Was planning to live here permanently.  Are you saying  people on 804 or 864 are temporary but still charged land tax and surcharge fees.

Here are the facts:

While you are on a bridging visa, you are temporary.  You will definitely be treated as a foreign investor when purchasing your property, there is no doubt about that.  That means you need to apply to FIRB (and pay the application fee), and then pay extra stamp duty (which varies from state to state, but the result is that you'll pay about three times as much stamp duty as a local).

As for land tax - I've been on these forums for some years and have never heard about land tax issues, so perhaps (since you are residing in the home), you don't have to pay.  However if I study the rules, in theory you should have to pay.  As others have said, you need expert advice but it would be a tax expert not a migration agent.  Since that seems to be your sticking point, I suggest seeking that advice. 

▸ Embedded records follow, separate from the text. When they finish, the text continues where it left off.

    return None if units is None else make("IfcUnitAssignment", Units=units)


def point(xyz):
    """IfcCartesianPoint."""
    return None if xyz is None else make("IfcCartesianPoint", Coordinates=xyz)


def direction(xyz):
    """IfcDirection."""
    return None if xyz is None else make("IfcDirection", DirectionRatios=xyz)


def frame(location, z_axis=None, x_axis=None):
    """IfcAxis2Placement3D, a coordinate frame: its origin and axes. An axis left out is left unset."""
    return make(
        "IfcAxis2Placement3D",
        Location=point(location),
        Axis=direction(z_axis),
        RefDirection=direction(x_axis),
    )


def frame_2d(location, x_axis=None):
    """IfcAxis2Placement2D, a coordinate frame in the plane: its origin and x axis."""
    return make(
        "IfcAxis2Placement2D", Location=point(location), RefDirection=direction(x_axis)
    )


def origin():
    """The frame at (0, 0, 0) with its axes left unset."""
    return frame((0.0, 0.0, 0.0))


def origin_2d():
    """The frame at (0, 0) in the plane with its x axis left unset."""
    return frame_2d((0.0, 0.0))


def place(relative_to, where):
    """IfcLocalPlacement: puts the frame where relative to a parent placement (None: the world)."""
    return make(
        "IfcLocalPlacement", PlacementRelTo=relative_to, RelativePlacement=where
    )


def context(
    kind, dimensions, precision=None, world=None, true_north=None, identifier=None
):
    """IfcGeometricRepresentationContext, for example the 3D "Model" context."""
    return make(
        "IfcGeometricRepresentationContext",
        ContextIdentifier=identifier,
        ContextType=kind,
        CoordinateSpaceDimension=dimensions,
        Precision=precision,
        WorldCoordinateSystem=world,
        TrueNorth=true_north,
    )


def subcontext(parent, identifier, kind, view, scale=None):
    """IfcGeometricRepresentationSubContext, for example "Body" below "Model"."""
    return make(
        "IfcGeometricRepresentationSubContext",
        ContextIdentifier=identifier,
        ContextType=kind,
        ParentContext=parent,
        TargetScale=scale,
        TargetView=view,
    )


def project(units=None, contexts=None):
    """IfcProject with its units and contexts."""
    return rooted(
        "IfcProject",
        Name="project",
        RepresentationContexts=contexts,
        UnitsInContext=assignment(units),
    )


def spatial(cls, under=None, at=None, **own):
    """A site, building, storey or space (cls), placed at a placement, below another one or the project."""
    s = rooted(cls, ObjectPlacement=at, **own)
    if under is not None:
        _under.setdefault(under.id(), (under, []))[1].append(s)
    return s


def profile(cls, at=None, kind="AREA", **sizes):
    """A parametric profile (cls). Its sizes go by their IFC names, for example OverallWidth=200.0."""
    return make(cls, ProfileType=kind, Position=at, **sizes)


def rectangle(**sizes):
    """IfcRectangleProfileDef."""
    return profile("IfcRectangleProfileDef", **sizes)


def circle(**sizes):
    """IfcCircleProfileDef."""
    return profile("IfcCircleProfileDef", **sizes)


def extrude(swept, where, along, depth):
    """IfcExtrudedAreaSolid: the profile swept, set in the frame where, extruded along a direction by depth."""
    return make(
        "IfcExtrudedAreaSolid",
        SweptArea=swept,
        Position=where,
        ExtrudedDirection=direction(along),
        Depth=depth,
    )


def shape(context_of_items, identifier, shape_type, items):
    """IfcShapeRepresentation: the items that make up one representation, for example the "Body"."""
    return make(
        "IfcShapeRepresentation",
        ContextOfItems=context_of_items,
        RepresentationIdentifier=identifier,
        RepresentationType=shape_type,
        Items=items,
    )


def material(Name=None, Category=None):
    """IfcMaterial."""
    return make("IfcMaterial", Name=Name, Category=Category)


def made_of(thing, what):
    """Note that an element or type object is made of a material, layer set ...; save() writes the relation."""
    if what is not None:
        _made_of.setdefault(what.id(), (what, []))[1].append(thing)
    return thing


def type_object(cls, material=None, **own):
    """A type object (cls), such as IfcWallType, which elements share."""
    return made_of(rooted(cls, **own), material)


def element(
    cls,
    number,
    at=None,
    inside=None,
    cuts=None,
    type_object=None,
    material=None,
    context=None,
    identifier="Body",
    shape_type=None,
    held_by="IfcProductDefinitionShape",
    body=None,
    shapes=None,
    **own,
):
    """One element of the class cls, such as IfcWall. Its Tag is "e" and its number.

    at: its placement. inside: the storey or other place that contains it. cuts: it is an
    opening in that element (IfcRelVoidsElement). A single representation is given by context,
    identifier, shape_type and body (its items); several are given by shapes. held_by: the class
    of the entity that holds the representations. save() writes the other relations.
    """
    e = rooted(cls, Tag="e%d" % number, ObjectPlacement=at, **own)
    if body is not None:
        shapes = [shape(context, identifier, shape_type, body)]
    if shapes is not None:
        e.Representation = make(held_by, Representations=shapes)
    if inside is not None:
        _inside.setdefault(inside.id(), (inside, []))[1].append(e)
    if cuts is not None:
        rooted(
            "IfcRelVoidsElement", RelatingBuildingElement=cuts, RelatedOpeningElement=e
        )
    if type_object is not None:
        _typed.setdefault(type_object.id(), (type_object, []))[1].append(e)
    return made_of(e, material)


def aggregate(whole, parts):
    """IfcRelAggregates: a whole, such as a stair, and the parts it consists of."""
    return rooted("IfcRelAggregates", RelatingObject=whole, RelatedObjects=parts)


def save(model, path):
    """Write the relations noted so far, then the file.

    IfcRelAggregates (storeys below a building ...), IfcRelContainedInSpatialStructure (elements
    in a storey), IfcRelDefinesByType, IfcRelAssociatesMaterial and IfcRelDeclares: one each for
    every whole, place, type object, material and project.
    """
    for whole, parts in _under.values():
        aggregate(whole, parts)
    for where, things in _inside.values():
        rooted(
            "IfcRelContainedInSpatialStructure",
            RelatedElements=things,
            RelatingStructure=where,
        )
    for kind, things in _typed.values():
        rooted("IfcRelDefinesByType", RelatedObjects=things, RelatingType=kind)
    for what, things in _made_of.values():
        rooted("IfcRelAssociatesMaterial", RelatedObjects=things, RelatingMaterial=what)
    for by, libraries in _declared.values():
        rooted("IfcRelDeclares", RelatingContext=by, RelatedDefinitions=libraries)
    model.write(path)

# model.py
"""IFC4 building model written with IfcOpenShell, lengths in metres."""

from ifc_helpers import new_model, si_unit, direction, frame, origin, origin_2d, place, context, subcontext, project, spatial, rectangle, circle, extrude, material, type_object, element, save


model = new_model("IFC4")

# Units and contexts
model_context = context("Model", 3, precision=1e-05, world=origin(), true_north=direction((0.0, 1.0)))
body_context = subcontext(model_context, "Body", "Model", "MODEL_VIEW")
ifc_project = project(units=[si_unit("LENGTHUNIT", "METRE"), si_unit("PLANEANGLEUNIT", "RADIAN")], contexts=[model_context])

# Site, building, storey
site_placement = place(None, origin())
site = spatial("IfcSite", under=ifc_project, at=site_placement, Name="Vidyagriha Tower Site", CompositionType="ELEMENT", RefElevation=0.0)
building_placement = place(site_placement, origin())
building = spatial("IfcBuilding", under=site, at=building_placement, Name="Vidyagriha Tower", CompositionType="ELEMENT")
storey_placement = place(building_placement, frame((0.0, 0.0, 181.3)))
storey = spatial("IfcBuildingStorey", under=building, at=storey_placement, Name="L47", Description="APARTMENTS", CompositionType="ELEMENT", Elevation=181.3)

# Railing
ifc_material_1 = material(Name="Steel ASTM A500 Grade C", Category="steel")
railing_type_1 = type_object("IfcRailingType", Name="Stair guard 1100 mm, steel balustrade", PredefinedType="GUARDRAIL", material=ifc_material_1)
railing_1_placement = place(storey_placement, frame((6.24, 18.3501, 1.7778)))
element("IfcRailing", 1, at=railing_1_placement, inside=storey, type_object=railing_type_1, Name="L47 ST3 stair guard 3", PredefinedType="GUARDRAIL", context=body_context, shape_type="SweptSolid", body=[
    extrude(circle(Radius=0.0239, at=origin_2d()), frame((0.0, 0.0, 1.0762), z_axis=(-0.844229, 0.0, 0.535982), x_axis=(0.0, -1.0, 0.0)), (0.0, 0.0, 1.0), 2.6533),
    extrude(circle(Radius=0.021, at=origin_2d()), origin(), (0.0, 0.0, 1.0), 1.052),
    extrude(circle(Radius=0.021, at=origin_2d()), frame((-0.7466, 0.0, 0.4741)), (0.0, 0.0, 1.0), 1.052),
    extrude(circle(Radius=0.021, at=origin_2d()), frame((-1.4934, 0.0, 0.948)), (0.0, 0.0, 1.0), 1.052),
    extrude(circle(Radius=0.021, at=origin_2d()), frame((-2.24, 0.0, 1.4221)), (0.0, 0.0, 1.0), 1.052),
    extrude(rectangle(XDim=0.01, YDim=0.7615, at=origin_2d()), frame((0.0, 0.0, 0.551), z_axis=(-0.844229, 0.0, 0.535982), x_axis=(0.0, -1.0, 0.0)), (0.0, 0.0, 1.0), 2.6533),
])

Once you get your visa - either 864 or 804 - you are permanent. But as you note, you may be dead by the time the 804 comes through, so probably irrelevant. 

Are you aware your UK state pension will be frozen forever at the rate it is today?  No increases, ever.  You can claim the higher rate temporarily while you're back in the UK on holiday - but you will have to apply for permission every time you want to leave Australia, as your bridging visa does not allow you to leave the country. 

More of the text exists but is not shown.